As the t-shirts all around Beijing say, “I climbed the Great Wall of China.” This two-day hike was the activity I most looked forward to on this trip, and it completely lived up to my expectations. I heard constantly how crowded the Great Wall was. We must have done this right. On our first day, we only saw one other person in the entire four-hour hike.
Our hike began in Gubeikou, a tiny farming village. This place is clearly off the beaten path as there were barely any signs that this was a starting location for the Wall. The views from here were stunning. This section is unrestored and in many places falling apart due to years of disrepair and locals taking the bricks for their homes.
We hiked for about an hour and half before we stopped for lunch. Bill, our guide, had mentioned several times during the morning that he brought hamburgers for us. Because it is in my nature to be fixated on where I’ll be getting my next meal, I spent much of the hike wondering about the hamburgers. Where did he get them? Are they just sitting in Bill’s backpack? Or worse- does he have ground beef in his bag with a plan for a Wall cookout? Finally as we climbed a steep staircase to a watchtower, Bill announced we’d be stopping for lunch. A local woman was in the watchtower selling souvenirs and drinks. Could she be the one making us hamburgers? As we crouched down on support beams, Bill produced a brown McDonald’s bag from his pack. I have never been so happy to see those Golden Arches! Hamburgers, they were not. Instead, Bill pulled out a hash brown, a Filet-O-Fish and a McChicken. Chris took the Chicken, I took the fish. It was delicious.
As we descended from that tower, Bill pointed to a military base along the Wall. Because of the base’s location, we were not allowed to walk along that section. Bill explained we’d walk down a valley along a path and then back up to the Wall. Easy enough, I figured. We quickly descended into thick forests, broken only by cornfields cleared into the valley floors. While there was a “path”, the vegetation was so thick I could barely see below my waist. At some point Chris announced, “The Wall really seems to be doing its job. The Chinese army is one side and us foreigners are the other.”
Finally, we were back up along the wall. The sun was high and we were hot! Cool breezes through the windows of the guard towers were often our only respite from the heat. Through the entire hike, Bill shared fascinating history tidbits about the Wall. Most interesting was to see how the wall continued to change throughout the journey from brick types to even mud at certain points.
After about 3 hours, I looked down at my feet only to notice that my trusty hiking boots looked a little funny. Upon closer inspection, I noticed the bottoms of both boots were coming off. We continued anyway, eventually coming to Jinshanling where we would be resting, eating, and sleeping.

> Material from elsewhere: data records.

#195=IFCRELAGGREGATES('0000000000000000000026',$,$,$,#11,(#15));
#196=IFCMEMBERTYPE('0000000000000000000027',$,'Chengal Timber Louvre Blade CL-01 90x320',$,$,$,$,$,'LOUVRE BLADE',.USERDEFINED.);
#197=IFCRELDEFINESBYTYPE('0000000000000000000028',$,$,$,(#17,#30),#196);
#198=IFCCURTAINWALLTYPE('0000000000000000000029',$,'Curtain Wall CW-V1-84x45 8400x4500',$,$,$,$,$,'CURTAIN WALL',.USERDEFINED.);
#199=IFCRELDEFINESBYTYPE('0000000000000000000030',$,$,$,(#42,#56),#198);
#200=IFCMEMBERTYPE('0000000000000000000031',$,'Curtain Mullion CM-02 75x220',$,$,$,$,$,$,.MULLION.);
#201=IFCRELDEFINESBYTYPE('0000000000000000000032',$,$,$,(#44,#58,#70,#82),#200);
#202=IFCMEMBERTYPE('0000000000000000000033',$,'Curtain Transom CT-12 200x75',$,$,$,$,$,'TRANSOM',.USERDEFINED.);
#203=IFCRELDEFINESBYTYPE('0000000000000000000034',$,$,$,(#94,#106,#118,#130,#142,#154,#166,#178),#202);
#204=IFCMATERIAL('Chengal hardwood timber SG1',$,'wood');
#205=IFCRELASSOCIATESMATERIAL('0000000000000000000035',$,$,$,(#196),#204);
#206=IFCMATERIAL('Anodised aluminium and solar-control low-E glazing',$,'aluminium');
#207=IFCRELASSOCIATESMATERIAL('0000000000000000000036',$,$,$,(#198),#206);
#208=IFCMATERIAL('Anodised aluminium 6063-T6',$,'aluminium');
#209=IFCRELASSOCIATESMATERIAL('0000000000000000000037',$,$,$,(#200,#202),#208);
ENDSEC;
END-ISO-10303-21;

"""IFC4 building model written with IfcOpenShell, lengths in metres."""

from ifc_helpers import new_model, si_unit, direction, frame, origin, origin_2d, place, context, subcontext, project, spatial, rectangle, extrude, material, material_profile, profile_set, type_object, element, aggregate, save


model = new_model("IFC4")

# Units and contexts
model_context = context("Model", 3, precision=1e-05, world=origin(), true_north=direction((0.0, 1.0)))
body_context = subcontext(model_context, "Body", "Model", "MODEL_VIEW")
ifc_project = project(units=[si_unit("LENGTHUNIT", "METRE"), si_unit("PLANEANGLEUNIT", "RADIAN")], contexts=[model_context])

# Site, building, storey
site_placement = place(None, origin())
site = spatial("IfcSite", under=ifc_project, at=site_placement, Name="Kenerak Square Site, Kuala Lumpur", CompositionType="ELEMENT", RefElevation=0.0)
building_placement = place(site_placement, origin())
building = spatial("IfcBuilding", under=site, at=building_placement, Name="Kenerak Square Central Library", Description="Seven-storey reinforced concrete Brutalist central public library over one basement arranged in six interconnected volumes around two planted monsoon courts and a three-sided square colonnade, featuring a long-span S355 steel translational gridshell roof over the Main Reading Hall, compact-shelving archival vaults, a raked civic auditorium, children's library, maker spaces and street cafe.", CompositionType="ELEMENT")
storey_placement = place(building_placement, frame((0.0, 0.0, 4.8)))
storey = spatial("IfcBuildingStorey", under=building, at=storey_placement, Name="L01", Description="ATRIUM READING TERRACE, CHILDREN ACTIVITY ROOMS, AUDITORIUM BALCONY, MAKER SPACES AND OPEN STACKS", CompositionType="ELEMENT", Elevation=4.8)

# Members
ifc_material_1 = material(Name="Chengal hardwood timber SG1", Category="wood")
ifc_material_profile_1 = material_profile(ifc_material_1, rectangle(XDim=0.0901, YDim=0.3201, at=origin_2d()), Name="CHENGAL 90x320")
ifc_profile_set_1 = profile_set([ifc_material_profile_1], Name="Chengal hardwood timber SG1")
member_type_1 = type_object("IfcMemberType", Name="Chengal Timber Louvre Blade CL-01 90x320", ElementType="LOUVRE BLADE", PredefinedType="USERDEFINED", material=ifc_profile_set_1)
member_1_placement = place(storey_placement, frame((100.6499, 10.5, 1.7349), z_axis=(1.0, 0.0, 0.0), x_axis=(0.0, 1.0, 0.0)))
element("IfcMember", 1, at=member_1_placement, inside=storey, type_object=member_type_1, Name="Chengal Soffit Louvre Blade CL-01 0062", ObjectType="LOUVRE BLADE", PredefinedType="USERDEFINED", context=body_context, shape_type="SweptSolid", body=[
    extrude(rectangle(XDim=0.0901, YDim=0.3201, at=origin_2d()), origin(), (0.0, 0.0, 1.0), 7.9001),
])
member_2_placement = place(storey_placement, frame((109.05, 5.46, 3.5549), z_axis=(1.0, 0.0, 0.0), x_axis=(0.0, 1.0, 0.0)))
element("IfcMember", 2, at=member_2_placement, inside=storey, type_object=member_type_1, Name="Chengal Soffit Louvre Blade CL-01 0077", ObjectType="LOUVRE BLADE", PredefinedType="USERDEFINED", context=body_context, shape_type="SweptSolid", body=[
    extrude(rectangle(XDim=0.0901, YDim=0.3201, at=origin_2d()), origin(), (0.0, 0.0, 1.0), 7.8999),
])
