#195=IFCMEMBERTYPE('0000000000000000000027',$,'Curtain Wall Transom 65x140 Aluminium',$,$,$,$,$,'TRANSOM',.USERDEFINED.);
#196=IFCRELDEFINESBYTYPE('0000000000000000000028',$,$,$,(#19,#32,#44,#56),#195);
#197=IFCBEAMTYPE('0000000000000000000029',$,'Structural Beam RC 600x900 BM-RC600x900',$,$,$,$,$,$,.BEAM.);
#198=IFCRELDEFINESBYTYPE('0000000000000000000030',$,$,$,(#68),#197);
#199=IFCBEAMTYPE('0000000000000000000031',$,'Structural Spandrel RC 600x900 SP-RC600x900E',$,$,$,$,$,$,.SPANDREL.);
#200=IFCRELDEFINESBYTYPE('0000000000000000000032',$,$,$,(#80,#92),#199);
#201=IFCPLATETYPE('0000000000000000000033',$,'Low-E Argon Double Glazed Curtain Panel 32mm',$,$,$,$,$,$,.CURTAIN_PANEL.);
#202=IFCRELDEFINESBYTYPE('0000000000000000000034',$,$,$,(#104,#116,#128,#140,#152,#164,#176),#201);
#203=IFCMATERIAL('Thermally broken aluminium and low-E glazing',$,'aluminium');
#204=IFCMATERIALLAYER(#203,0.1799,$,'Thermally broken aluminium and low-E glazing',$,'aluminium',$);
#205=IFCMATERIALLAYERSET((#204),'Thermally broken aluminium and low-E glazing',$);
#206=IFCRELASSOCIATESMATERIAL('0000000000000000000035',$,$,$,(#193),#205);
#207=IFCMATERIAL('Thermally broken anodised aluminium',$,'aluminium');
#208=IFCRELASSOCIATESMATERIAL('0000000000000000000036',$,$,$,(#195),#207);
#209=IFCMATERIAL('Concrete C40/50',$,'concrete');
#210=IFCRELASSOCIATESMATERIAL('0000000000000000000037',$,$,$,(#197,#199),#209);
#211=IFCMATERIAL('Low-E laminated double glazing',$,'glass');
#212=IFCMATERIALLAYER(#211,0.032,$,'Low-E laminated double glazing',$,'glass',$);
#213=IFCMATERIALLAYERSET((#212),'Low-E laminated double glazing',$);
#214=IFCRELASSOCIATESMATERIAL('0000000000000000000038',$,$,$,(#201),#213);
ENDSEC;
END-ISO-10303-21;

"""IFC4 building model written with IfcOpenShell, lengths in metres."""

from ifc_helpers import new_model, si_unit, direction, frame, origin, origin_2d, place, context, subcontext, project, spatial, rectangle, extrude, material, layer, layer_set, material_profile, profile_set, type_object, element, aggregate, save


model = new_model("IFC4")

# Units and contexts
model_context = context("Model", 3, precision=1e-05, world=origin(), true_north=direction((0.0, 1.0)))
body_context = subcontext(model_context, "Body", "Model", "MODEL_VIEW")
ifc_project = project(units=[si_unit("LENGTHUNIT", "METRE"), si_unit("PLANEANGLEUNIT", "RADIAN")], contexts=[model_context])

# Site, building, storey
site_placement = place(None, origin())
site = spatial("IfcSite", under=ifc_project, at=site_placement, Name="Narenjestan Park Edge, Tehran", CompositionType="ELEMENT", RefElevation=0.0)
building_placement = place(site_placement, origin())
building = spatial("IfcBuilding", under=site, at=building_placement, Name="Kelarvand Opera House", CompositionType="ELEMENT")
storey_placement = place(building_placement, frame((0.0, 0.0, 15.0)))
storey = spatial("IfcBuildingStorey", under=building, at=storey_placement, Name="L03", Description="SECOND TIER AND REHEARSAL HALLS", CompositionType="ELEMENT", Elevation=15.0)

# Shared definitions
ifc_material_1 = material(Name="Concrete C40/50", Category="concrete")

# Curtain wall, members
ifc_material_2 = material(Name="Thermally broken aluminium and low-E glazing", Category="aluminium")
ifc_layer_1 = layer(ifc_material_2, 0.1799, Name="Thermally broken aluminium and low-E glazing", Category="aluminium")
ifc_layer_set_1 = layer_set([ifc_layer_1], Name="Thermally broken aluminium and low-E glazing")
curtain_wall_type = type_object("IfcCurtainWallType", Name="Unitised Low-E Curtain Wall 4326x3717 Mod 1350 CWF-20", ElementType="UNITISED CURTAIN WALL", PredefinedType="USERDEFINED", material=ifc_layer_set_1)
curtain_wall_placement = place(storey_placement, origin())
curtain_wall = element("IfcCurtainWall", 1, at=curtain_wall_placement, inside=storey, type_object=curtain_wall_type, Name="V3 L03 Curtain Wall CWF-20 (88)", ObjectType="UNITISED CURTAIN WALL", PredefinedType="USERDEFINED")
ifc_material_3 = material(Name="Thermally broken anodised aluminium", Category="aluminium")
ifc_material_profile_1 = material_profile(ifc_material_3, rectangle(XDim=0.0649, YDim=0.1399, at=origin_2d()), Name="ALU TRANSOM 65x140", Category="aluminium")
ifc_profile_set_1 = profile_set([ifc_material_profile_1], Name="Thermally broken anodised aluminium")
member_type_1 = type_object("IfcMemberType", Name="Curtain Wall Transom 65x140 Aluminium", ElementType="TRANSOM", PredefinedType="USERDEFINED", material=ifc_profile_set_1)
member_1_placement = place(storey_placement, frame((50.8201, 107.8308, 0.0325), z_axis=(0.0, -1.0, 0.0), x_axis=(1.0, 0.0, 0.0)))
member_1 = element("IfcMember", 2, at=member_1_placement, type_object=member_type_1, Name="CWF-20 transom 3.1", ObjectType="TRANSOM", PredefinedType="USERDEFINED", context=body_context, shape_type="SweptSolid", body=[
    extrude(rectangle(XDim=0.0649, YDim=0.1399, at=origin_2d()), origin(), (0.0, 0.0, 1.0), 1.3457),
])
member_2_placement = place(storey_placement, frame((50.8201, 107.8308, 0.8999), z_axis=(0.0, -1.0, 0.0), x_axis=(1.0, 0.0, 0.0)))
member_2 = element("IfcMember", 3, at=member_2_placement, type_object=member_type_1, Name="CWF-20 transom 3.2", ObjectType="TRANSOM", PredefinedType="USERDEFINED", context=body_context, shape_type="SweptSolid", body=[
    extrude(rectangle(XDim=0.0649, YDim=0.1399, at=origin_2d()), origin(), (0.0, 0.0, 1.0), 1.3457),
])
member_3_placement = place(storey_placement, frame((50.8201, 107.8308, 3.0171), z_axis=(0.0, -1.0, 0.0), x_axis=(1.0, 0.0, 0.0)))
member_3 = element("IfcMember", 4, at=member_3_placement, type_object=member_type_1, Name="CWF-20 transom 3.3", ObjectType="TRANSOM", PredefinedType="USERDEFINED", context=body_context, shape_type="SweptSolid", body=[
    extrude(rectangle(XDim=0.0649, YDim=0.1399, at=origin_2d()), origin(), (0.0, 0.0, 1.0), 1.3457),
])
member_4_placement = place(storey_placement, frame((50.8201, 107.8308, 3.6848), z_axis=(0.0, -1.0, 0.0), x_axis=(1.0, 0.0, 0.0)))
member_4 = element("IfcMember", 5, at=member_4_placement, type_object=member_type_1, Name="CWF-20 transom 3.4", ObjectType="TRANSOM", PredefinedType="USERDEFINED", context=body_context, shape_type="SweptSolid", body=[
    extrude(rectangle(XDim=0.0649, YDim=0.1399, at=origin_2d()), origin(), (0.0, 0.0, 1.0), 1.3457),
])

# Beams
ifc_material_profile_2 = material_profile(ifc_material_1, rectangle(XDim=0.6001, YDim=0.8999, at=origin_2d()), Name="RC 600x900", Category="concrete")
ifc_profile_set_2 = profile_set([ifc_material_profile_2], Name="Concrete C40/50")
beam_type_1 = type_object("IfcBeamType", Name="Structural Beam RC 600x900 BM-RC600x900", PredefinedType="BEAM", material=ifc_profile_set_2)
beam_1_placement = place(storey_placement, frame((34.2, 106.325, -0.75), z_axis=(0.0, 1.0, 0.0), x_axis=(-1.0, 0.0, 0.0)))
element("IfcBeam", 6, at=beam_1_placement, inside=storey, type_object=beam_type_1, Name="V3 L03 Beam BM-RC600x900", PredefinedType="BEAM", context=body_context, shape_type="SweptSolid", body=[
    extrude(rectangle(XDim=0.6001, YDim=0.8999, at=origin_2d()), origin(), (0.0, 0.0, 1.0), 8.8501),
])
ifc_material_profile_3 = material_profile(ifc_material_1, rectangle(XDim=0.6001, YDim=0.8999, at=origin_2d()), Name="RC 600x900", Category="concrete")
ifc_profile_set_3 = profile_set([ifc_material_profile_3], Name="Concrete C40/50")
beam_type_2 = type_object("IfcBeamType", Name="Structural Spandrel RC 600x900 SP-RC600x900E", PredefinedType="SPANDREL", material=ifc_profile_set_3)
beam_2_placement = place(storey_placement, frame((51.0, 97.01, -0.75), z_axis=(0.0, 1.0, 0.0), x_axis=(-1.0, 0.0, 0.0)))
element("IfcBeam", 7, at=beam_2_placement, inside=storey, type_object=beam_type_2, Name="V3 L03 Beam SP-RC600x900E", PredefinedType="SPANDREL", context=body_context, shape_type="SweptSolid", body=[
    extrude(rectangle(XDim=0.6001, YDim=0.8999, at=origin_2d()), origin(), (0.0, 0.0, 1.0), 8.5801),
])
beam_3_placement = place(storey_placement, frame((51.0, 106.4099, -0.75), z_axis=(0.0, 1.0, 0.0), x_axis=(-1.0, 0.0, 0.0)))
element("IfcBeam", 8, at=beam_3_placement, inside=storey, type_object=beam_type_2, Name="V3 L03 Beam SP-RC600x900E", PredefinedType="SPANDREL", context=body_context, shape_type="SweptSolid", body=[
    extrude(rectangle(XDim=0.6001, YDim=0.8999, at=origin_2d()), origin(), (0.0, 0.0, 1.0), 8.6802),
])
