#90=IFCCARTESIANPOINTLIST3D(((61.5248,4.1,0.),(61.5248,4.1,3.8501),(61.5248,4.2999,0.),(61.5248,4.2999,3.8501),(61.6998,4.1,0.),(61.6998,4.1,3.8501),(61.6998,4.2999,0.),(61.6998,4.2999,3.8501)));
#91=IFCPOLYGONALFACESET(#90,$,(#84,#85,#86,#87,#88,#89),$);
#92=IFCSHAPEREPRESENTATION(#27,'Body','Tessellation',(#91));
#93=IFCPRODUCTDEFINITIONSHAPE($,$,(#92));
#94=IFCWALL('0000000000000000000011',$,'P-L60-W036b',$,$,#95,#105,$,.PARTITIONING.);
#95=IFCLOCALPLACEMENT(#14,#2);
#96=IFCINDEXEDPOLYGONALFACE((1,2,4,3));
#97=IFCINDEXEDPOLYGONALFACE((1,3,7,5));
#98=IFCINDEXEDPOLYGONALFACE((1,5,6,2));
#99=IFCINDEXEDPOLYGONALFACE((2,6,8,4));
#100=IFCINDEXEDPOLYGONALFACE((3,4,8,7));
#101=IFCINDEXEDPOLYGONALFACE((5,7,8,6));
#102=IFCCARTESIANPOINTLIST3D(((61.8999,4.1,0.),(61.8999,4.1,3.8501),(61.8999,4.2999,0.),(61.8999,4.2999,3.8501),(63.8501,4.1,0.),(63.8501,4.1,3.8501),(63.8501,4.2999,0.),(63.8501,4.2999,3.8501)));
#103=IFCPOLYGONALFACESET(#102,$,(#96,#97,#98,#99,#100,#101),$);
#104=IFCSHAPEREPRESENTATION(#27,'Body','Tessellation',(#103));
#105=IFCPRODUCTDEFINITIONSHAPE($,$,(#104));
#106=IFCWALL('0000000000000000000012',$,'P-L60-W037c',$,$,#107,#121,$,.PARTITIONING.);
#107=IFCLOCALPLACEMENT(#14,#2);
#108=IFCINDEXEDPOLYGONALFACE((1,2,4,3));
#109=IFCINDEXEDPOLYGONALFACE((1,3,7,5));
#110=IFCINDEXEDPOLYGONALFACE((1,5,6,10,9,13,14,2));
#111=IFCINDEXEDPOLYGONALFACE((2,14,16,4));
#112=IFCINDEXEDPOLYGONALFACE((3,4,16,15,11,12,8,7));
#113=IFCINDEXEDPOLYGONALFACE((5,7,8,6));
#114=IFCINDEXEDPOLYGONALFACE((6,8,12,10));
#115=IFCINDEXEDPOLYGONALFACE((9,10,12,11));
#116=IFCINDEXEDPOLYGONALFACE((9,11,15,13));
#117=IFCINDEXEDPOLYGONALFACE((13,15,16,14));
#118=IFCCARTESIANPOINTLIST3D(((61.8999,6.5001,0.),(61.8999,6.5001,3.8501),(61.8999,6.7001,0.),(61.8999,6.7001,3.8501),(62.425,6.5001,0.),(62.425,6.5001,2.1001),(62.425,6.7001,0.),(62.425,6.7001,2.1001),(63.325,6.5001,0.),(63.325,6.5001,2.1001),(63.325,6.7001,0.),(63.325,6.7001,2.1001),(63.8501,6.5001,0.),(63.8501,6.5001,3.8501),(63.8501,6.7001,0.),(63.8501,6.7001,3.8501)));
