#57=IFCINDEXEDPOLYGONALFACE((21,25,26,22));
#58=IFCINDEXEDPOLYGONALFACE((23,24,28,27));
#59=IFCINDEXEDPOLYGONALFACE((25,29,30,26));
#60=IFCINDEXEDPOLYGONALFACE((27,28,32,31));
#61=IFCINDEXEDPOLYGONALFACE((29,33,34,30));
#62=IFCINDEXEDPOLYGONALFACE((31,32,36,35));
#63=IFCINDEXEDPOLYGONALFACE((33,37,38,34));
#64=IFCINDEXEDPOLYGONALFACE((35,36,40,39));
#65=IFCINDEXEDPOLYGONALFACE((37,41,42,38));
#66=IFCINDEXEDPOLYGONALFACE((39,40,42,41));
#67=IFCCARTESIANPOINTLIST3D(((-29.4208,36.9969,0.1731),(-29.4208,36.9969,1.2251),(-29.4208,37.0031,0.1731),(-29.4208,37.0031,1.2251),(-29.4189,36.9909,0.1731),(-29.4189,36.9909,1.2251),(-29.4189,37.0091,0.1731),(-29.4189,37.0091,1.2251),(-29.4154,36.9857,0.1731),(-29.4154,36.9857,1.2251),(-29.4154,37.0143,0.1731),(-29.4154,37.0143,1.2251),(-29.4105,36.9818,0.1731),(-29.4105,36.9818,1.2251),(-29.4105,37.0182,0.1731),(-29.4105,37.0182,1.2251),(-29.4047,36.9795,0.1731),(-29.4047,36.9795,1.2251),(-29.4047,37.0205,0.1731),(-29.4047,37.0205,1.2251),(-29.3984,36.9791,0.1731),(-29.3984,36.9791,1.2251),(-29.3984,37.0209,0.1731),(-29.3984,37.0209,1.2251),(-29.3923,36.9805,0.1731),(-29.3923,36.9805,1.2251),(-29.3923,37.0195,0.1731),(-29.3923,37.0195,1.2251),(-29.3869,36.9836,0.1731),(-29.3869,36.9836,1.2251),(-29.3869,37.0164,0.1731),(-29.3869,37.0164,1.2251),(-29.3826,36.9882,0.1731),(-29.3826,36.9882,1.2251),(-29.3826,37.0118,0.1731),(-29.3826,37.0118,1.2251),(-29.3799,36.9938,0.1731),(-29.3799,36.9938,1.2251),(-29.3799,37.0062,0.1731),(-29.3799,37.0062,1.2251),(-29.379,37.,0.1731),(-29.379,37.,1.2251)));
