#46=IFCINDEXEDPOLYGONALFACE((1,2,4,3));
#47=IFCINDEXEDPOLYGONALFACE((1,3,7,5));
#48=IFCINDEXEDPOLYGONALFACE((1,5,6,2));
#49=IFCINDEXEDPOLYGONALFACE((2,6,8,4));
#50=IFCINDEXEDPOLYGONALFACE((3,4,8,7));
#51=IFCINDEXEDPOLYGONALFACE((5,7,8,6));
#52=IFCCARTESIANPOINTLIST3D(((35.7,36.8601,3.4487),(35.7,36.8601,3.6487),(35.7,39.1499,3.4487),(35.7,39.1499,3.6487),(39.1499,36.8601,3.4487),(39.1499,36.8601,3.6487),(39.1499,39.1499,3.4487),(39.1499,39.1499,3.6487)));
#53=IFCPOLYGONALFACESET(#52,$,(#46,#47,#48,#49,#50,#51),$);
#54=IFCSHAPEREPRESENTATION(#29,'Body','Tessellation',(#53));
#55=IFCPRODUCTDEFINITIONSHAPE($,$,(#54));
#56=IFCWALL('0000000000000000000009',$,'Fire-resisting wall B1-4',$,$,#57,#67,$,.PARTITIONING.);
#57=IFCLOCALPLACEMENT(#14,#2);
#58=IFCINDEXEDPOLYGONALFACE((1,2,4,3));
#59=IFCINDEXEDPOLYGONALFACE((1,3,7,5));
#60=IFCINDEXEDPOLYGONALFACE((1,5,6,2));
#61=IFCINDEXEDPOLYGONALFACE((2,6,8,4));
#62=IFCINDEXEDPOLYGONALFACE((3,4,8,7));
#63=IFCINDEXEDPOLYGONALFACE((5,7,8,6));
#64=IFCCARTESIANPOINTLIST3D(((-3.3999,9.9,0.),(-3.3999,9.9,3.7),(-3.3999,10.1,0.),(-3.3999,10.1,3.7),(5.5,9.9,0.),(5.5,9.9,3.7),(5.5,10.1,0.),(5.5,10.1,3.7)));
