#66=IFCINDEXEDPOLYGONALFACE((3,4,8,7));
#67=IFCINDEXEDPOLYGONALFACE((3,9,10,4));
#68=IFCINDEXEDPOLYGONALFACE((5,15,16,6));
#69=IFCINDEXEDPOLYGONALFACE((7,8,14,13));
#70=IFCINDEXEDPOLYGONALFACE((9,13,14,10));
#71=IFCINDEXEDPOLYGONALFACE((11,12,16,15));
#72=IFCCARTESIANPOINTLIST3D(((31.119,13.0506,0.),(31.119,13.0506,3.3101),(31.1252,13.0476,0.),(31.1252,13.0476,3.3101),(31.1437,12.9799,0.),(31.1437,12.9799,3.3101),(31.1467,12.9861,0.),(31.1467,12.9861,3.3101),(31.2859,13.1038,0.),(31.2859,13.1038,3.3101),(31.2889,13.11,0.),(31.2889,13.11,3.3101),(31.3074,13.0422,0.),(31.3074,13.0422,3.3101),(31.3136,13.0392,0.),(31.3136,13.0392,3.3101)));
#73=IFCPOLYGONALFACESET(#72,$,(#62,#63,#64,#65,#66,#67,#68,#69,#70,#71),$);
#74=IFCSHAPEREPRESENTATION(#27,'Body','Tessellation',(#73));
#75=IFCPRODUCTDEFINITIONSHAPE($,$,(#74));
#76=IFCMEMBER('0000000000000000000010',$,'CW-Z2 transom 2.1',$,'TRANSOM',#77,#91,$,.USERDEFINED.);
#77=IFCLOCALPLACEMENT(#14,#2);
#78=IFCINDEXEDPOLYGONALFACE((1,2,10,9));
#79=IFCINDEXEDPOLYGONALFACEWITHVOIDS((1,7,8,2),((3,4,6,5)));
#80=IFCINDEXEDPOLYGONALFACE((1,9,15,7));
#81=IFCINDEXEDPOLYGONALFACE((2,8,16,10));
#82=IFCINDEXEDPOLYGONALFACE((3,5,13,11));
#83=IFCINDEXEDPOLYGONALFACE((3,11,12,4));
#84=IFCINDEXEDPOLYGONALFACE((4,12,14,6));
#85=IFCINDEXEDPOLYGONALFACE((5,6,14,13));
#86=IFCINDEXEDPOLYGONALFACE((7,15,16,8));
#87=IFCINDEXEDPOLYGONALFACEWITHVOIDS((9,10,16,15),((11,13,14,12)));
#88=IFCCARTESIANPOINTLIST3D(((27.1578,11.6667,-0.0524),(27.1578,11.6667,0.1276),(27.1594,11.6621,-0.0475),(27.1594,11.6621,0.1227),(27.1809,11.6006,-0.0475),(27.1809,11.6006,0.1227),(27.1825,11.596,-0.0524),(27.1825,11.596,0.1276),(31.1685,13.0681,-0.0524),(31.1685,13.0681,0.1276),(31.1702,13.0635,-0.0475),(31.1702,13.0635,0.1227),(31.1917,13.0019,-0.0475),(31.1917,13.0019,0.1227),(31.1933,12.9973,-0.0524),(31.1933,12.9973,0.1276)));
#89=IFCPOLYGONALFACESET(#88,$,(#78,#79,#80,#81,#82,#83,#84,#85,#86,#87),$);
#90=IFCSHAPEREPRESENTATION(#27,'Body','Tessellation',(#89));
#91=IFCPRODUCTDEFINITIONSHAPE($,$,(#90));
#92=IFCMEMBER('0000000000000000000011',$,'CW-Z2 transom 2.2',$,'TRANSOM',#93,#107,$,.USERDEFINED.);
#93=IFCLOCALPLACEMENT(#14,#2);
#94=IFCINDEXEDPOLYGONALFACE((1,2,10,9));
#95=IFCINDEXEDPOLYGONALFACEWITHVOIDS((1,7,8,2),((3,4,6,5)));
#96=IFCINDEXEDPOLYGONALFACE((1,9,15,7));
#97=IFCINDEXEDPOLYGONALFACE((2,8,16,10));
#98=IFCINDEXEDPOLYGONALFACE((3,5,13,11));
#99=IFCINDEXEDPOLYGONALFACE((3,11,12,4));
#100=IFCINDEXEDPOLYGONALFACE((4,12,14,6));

We descended to a tiny outpost along the base of the Wall. Here we spent the night playing an extremely confusing Chinese card game, eating a delicious meal prepared by a local family, and relaxing. After nightfall, a van took the three of us – Bill, Chris, and I – up to the Wall with camping equipment. Up high in a watchtower we set up two tents and got ready for bed. For months, the prospect of sleeping on the Great Wall sounded thrilling. Now reality set in, and it was actually somewhat scary. We were at the highest point on top of a mountain in the summer where thunderstorms were frequent. To make matters worse, a very large metal table with several metal chairs sat only feet away from our tent. Throughout the night we could hear thunder and see lightning in the distance, but fortunately it never came our way. Chris kept saying that he heard critters scurrying around the outside of our tent, but I’d like to say that was just the wind. I must say I was relieved at daybreak.
We went back to the outpost in the morning where the same family served us a giant breakfast of congee, noodles, fried bread, stir-fried eggs, spicy tofu, and pickled vegetables. It was delicious!
Because of my broken boots, we changed our planned route. We were supposed to drive two hours to then do a four-hour hike. Because my boots were in such bad shape, our guide suggested we just hike from Jinshanling to Simatai. This would only be a two-hour hike. The nice man who owned the outpost near the wall provided rope and our driver, Mr. Zhi, helped tie my boots to their soles. Despite a noble effort, this only lasts about fifteen minutes. I ended up just pulling the soles off the boots completely. They became more like hiking slippers, but they did the job.
This two-hour hike was tough! The previous day was grueling, but this was far more difficult. Looking at photos of the Chinese countryside that is home to the Great Wall, you can see the undulating mountains. We walked up and down these mountains for two hours with small breaks here and there. Our photos do not properly capture the difficulty of this trek as were were either out of breath or on a steep section. Some parts of the Wall had stairs; other parts were more like rubble. We kept counting the guard towers, as we knew which one was our destination. How amazing it was to finally reach the end! Celebratory pictures were taken and my legs felt like jelly.
While my tale sounds dramatic, this experience was unforgettable and worth every moment.